STONEY NAKODA NATIONS v CANADA, 2016 ABQB 193

JEFFREY J

3.68: Court options to deal with significant deficiencies
7.3: Summary Judgment (Application and decision)

Case Summary

The Plaintiff, Stoney Nakoda Nations (“SNN”), commenced an Action for trespass and conversion of petroleum, natural gas, and related hydrocarbons (“PNG”) which they claimed were properly theirs. SNN argued that various transfers of PNG to Canadian Pacific Railway (“CPR”) and CPR’s wholly owned subsidiary, which is now Encana, were either invalid or for inadequate consideration. The Defendants, Encana and CPR, brought an Application for Summary Dismissal. Encana argued that the claims were brought out of time, that it cannot be a trespasser on its own property, and that SNN’s claims fail because of Encana’s indefeasibility of title. CPR’s Application for Summary Dismissal was on the same grounds, and any interest it had in the lands was wholly transferred to Encana, and therefore CPR had no interest in any of the PNG at issue in the Action. Further, any claim for damages against CPR was out of time and thus statute-barred. SNN argued that what was being sought by CPR and Encana was, in effect, an extinguishment of Aboriginal Treaty Rights. Therefore the Applicants bore the onus of proving that there was a clear and plain intent by the Crown to extinguish SNN’s Aboriginal Treaty Rights in the PNG.

Jeffrey J., in considering Rule 7.3, noted that Summary Judgment can be granted if there is no merit to the claim. “No merit” means that, even assuming the accuracy of the position of the non-moving party as to any material or potentially decisive matters, the non-moving party’s position has no merit in law or in fact. Justice Jeffrey noted that another way to explain the concept of merit is that, in order for the non-moving party’s case to have merit, there must be a genuine issue or a potentially decisive material fact in the case which cannot be summarily found against the Respondents on the record. The mere assertion of a position by the Respondent in a Pleading or otherwise, or the mere hope of the non-moving party that something will turn up at Trial, will not suffice for a position to have merit. This is distinguished from the test under Rule 3.68, which involves deciding “whether there is any reasonable prospect that the claim will succeed, erring on the side of generosity in permitting novel claims to proceed”.
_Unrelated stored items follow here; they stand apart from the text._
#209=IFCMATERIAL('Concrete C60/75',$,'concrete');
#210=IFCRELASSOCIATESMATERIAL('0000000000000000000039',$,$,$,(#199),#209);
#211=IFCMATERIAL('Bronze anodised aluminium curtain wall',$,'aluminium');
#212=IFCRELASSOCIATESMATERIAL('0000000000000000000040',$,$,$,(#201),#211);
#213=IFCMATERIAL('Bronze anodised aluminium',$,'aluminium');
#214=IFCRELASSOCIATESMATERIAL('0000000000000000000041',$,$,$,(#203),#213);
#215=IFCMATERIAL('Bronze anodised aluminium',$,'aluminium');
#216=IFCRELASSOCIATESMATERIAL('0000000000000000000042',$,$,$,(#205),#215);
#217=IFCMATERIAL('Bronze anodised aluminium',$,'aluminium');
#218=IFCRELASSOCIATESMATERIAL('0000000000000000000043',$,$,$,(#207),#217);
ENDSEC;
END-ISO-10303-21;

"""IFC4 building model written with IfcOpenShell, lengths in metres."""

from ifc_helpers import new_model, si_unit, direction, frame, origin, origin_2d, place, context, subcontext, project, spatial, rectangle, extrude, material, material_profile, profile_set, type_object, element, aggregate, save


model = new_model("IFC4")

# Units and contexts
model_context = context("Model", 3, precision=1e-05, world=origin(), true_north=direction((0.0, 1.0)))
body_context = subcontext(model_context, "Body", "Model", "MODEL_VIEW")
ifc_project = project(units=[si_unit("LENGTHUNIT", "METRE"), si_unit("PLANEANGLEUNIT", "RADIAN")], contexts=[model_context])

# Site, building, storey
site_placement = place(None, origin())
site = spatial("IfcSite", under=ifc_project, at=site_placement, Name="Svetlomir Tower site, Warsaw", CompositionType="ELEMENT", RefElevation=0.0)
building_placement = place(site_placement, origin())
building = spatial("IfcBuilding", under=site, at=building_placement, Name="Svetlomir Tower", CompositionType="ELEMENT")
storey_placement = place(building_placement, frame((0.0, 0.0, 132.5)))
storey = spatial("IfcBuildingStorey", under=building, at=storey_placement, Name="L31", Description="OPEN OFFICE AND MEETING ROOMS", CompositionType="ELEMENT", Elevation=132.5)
Based on the record before the Court, Jeffrey J. dismissed the claim as against CPR. Jeffrey J. also found that SNN had actual knowledge that certain parties had claimed ownership of the PNG in issue by 1982 at the latest. As such, the Action against CPR was summarily dismissed as it was statute barred and without merit.

Regarding SNN’s claim as against Encana for the recovery of in situ PNG, Jeffrey J. held that Encana had not met its burden to show that the Crown had intended the alienation of the PNG at issue to CPR such that SNN’s Aboriginal Rights were extinguished. Consequently, the issue could not be decided on a summary basis, and Encana’s Application was denied. Jeffrey J. also found that SNN had raised sufficient doubt as to whether the transfer from CPR to Encana’s predecessor was for sufficient consideration such that it was not beyond doubt that the defence had merit. Jeffrey J. noted that the determination of indefeasibility of Encana’s title called for a complex determination of legal issues, intertwined with various degrees of social, historical, legislative and corporate facts. Justice Jeffrey concluded that, in such cases, a full Trial is required.